Simplified Winding up

The SIP also seeks to establish a more efficient and less costly liquidation process for MSCs.

  1. Under the simplified winding up process, an MSC can make any application to the Official Receiver to be accepted into a simplified winding up process under the SIP. This dispenses with the need for a Court application to be made for an MSC to be wound up. If the MSC is later viewed by the Official Receiver as unsuitable for the SIP, such MSC may be placed into a regular Court-ordered winding up process (i.e. the existing “non-simplified” process) on the application of the Official Receiver or an interested party.

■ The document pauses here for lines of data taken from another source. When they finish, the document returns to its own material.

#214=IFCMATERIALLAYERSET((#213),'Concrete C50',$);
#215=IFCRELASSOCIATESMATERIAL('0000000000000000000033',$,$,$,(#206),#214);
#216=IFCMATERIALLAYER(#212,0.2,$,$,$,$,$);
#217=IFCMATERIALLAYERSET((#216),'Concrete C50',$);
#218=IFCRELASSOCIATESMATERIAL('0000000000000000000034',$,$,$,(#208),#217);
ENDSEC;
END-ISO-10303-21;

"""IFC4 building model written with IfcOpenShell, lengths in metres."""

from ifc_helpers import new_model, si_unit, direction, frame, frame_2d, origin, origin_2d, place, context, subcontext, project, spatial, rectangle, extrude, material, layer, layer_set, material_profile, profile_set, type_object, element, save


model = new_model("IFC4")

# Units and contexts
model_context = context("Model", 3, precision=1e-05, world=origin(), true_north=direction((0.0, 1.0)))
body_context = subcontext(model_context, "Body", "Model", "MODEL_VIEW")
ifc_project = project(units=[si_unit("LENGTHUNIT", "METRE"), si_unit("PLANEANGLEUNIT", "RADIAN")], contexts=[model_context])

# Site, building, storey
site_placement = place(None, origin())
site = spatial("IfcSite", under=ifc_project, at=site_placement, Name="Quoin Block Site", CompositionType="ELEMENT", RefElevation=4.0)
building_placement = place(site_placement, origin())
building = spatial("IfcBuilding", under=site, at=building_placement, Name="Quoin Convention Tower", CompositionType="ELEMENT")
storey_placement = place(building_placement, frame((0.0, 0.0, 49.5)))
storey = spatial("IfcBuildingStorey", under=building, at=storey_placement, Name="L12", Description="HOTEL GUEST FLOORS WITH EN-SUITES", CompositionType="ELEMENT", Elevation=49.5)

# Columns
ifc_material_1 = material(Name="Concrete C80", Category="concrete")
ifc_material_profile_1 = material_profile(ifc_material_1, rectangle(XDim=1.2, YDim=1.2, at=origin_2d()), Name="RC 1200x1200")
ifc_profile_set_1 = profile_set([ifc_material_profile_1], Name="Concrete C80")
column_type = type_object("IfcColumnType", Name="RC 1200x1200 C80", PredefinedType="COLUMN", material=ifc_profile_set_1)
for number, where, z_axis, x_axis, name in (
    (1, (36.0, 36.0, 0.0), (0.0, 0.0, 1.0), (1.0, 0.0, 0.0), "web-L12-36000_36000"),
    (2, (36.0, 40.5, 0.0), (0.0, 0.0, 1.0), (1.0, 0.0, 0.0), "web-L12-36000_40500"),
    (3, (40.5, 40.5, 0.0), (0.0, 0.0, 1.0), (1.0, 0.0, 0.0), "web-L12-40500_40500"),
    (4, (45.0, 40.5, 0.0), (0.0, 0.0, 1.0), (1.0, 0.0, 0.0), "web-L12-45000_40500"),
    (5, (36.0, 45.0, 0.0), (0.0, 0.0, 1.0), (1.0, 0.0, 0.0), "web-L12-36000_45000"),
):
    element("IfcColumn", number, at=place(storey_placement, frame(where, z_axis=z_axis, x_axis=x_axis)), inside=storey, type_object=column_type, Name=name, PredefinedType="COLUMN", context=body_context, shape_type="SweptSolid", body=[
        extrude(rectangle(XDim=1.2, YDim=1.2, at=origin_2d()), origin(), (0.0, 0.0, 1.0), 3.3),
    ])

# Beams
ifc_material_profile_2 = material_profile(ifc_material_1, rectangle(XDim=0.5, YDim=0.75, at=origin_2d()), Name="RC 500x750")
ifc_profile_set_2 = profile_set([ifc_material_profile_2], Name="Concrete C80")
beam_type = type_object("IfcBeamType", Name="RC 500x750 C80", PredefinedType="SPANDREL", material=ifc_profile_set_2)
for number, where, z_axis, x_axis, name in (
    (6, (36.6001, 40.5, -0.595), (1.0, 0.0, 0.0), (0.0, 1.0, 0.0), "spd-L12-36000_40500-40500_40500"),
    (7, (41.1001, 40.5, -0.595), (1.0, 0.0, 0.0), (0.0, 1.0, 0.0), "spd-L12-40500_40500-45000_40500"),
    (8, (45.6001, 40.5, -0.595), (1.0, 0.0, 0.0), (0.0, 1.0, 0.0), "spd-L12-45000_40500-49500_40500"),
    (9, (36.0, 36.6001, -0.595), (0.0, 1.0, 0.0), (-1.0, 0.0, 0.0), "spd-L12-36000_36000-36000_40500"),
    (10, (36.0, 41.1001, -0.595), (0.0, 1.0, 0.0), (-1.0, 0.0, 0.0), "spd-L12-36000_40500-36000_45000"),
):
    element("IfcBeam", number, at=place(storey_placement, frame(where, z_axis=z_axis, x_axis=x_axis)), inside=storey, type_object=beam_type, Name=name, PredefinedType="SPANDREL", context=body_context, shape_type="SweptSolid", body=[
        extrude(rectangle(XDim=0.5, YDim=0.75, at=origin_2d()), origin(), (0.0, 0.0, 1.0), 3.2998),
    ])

  2. The Official Receiver is the liquidator of an MSC that is wound up voluntarily under the SIP. Where the Official Receiver has reasonable cause to believe that the realisable assets of an MSC are insufficient to meet its winding up expenses, and its affairs do not require further investigation, the MSC may, subject to certain conditions, be dissolved without the need to take further steps for the administration of the winding up.

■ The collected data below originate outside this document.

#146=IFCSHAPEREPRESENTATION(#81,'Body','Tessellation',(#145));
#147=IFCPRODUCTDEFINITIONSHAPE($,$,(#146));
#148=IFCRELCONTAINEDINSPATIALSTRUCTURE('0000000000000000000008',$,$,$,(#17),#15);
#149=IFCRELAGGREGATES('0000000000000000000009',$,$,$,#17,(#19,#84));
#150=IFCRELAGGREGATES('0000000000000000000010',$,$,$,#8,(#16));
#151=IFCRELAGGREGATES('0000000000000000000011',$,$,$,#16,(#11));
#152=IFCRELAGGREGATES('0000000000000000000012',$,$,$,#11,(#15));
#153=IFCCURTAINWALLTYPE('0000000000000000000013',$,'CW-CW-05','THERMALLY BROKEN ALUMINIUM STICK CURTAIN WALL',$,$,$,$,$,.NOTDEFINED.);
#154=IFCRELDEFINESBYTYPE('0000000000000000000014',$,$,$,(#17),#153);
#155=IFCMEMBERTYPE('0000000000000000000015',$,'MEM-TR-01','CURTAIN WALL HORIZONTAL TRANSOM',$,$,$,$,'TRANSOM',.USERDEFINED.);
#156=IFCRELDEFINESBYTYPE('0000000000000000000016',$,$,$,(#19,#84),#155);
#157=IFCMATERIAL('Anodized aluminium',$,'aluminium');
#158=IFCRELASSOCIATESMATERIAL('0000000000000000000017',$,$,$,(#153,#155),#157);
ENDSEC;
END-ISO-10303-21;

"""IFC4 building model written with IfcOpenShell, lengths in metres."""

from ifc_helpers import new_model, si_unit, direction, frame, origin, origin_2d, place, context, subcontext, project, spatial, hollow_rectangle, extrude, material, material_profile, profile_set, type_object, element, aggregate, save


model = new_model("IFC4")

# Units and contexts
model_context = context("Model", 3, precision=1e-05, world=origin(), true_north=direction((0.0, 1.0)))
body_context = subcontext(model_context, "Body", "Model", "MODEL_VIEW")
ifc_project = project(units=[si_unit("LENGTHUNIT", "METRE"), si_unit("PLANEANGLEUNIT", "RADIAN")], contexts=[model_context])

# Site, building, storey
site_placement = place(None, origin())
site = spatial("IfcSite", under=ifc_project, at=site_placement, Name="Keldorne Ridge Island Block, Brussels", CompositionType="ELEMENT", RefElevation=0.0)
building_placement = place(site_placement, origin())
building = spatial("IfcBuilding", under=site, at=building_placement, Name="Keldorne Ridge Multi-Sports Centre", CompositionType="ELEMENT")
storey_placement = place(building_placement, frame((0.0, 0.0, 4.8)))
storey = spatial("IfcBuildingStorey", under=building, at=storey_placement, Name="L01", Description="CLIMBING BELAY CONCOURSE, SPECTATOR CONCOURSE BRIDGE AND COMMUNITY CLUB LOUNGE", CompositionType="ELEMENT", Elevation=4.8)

  3. The scope of the Official Receiver’s functions as a liquidator will be reduced under the SIP, given that certain complex and costly aspects of a conventional winding up will not be required for a simplified process. For example, legal proceedings may only be commenced by the Official Receiver to preserve the MSC’s rights, and creditors’ meetings will not be convened under the simplified winding up process.

Application and Validity

The SIP will be available for a period of 6 months from the commencement of the proposed legislation (such period subject to extension by the Minister of Law). An MSC must at any time during such 6-month period make an application to the Official Receiver in order to be considered for acceptance into the SIP. An application must include, among other things, a special resolution of the MSC at a general meeting authorising the making of the application, as well as a list containing the prescribed particulars of each creditor and amounts owed by the MSC to such creditor. The SIP will be administered by the Official Receiver. There will be a co-payment component for applicant companies under the SIP.

Conclusion

The SIP allows qualifying micro and small companies recourse to a winding up or restructuring process that is more expeditious and cost-effective, arguably a timely development in removing some of the procedural armoury that is less suited to the unprecedented impact of the Covid-19 pandemic. This is a welcome development for MSCs, who may not otherwise have the assets or resources to restructure their debts or wind up their businesses cost effectively using traditional methods.